Most people who have had this problem resolved it by going to Control Panel > Sound > And then setting the HDMI option as the default.
Problem is, i'm not getting the HDMI option at all, this is what i'm getting instead









I downloaded/updated most of my drivers, but that did nothing.
I even tried using different HDMI cables, but to no avail.
The TV itself has no options to configure these types of things.
There are speculations that there's a problem with my GPU, but i'm not sure.

Now i'm no computer wiz (yet) but i'd appreciate simpler answers, recommendations, etc. I just busted my speakers, and i really want to make this thing work.
Thanks in advance.


----------



## JimE (Apr 16, 2009)

That digital audio output is likely a digital output for the motherboard audio chispet. The nVidia HDMI output should be listed separately. Have you tried updating/reinstalling the nvidia video drivers? (the HDMI audio chipset drivers are part of the video driver package).


----------



## Lewx (Dec 15, 2011)

Well i just tried deleted my drivers and reinstalling them.
That did pretty much nothing.
Just to clarify, i delete the drivers by going to manage computer > Device Manager > Display Adapters > Properties > Driver > Uninstall ?
I then restarted my computer and reinstalled the drivers.
Still the same thing, i get the digital audio output instead of the HDMI option.
Seriously, is there nothing i can do?


----------



## JimE (Apr 16, 2009)

Are they both listed in Device Manager?

What is the brand and model of the video card? Does it have an HDMI output?


----------



## Lewx (Dec 15, 2011)

Dogg said:


> Are they both listed in Device Manager?
> 
> What is the brand and model of the video card? Does it have an HDMI output?
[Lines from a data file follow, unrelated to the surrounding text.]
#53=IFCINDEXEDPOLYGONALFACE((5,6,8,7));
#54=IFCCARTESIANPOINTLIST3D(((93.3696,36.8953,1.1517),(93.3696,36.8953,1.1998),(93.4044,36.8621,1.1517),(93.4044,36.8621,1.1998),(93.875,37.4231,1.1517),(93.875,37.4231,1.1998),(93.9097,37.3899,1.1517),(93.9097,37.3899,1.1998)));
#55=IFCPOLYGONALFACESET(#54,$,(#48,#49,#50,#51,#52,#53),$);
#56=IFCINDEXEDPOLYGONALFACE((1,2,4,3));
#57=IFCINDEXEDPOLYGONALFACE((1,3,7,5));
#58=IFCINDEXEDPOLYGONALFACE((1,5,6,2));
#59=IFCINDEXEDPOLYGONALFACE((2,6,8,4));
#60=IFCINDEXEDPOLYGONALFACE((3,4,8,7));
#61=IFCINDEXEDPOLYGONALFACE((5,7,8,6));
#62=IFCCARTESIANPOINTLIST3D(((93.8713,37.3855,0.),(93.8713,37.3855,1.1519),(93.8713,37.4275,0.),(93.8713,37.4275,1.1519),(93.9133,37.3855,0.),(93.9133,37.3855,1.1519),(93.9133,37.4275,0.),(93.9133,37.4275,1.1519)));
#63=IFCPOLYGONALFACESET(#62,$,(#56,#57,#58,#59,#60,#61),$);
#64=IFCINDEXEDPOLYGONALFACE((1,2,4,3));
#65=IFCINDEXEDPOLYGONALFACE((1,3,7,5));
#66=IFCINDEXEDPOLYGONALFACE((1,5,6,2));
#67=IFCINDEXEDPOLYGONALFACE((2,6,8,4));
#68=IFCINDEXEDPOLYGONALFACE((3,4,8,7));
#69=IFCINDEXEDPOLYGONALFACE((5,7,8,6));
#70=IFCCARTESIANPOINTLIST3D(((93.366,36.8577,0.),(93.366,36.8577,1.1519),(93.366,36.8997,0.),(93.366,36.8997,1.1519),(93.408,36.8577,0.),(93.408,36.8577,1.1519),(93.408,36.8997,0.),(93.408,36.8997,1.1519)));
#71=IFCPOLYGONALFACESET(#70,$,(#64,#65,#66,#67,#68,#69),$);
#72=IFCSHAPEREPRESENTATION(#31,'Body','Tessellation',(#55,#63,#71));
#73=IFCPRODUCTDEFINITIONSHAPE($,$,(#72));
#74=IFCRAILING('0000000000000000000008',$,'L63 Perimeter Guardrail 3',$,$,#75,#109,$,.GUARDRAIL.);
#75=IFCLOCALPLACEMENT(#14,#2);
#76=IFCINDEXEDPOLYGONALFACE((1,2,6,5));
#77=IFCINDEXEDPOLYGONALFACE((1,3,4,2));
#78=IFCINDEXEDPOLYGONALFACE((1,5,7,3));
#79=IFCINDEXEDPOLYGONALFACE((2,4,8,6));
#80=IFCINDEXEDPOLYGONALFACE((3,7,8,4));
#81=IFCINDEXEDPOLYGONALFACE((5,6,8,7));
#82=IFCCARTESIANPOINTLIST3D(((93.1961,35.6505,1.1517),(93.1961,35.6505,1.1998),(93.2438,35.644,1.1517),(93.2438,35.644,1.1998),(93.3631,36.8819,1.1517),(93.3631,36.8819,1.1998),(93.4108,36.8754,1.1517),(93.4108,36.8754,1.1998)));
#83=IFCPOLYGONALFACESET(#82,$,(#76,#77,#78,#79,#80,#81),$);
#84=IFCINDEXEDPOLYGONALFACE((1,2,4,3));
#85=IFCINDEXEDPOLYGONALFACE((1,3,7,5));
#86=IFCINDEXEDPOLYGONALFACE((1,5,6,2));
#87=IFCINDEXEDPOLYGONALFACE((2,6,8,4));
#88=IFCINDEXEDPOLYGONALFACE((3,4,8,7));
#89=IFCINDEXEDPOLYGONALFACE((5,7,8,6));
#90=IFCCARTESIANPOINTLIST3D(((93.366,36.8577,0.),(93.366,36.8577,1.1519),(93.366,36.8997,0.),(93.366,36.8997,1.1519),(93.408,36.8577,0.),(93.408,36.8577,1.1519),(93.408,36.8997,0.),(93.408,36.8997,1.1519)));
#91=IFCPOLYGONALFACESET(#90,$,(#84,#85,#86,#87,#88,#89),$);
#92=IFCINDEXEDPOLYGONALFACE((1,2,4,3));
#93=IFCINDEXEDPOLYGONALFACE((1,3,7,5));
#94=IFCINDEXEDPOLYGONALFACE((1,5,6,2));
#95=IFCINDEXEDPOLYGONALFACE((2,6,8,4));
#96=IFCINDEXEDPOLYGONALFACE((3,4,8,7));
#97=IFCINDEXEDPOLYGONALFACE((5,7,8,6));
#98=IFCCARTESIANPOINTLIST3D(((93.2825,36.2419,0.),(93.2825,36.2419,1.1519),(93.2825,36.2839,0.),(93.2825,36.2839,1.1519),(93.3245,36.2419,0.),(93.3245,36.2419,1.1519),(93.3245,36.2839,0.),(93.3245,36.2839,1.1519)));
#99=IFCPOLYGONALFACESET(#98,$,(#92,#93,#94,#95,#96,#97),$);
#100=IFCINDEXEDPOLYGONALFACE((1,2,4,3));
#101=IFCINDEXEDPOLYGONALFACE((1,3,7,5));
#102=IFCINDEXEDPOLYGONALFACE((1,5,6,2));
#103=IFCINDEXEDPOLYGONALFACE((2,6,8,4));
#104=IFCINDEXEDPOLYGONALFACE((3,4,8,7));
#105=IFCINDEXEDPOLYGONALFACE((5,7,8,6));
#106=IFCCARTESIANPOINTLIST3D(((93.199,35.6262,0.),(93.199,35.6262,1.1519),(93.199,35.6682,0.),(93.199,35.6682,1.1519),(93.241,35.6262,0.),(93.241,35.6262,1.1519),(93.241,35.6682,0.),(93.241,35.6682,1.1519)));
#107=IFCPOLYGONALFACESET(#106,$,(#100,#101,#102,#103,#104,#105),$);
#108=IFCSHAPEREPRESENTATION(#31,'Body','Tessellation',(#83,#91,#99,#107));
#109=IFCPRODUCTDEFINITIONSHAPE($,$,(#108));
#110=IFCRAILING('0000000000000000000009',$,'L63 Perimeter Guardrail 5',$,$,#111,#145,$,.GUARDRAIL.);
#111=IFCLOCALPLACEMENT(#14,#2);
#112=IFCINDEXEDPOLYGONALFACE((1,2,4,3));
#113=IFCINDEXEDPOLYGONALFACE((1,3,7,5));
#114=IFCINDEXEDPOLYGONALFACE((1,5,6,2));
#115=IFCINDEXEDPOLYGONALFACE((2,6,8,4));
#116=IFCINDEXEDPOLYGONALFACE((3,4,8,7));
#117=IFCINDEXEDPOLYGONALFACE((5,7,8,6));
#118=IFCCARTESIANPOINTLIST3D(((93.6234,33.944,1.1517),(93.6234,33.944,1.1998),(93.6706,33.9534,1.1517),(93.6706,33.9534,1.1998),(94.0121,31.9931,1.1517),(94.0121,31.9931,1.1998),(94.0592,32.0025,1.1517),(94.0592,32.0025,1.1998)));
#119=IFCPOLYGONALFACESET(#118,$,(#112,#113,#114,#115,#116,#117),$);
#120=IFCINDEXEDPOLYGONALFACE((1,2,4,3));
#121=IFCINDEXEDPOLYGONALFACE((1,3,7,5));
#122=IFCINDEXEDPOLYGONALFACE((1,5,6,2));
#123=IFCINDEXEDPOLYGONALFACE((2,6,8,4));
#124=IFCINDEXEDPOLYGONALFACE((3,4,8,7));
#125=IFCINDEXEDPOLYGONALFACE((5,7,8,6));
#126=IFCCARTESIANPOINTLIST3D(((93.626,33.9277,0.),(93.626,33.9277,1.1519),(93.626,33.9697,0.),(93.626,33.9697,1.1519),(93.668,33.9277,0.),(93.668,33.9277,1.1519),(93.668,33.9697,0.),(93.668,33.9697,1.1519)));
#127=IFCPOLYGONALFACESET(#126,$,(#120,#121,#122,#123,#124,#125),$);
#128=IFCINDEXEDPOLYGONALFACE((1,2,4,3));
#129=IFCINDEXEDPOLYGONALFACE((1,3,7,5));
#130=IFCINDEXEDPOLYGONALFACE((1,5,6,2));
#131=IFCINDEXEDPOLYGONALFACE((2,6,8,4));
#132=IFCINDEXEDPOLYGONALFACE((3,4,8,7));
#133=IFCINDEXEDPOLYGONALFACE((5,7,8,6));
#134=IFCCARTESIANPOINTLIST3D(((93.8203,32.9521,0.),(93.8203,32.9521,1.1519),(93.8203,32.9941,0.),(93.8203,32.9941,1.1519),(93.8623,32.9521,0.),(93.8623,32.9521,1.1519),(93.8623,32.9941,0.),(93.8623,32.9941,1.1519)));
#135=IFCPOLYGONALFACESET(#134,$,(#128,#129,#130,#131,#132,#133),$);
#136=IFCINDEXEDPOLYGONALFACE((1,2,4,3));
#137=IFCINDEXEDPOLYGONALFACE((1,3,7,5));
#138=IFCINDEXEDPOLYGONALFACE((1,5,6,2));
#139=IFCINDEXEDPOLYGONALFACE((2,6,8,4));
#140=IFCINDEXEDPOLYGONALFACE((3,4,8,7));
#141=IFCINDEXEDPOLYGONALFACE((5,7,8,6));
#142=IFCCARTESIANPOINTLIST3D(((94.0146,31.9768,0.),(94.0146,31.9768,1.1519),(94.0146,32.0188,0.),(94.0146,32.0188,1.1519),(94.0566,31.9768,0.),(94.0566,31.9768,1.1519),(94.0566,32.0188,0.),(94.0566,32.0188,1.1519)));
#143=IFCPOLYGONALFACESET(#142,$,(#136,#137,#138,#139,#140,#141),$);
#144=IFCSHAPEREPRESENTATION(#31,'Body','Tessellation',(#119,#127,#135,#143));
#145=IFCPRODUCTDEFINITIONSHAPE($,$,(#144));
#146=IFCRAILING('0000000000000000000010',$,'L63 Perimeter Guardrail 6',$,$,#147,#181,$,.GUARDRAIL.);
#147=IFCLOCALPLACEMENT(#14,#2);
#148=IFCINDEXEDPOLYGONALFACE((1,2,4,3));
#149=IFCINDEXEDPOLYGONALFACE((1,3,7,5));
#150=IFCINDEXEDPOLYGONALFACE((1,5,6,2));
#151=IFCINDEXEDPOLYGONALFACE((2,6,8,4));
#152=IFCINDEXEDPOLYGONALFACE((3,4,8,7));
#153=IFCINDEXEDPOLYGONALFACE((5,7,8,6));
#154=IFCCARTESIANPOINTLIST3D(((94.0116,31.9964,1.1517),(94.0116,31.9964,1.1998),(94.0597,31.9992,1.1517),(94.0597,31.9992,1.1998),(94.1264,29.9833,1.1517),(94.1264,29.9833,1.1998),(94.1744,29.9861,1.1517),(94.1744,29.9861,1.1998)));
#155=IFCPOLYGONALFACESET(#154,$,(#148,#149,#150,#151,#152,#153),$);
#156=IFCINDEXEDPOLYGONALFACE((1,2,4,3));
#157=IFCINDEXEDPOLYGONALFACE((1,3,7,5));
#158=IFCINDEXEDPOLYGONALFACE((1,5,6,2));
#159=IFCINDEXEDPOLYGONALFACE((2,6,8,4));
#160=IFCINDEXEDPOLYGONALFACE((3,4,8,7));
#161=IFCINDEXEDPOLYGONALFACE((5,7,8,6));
Both? I only have one, this is where i went to reinstall the video drivers.








I already listed the video card in my first post, Nvidia GeForce GTX 260 Golden Sample
Also, i noticed my computer isn't recognising my LG TV









I'm convinced this has something to do with my drivers now.
I just don't know what to do about it.
Please help, i'm tearing my hair out...
Currently i have Realtek High Definition audio installed.


----------



## JimE (Apr 16, 2009)

That is the video card and monitor. And yes, you stated which card you have. But I haven't used all of the cards, and different models have different features. Not all of them have an HDMI output.

Are both AUDIO chipsets listed in Device Manager. The video chipset and (HDMI)audio chipset of a video card are listed separately. The video chipset is listed under video, the audio chispet is listed in the audio section. And by both, I mean the HDMI audio chipset and the standard audio chispet.

For example, I have a Realtek audio chipset, an ATI HD audio chipset, and an Asus D2X audio chipset listed. Realtek is the onboard audio chipset, the ATI is the ATI HDMI audio chipset, and the Asus D2X is my addon sound card.


----------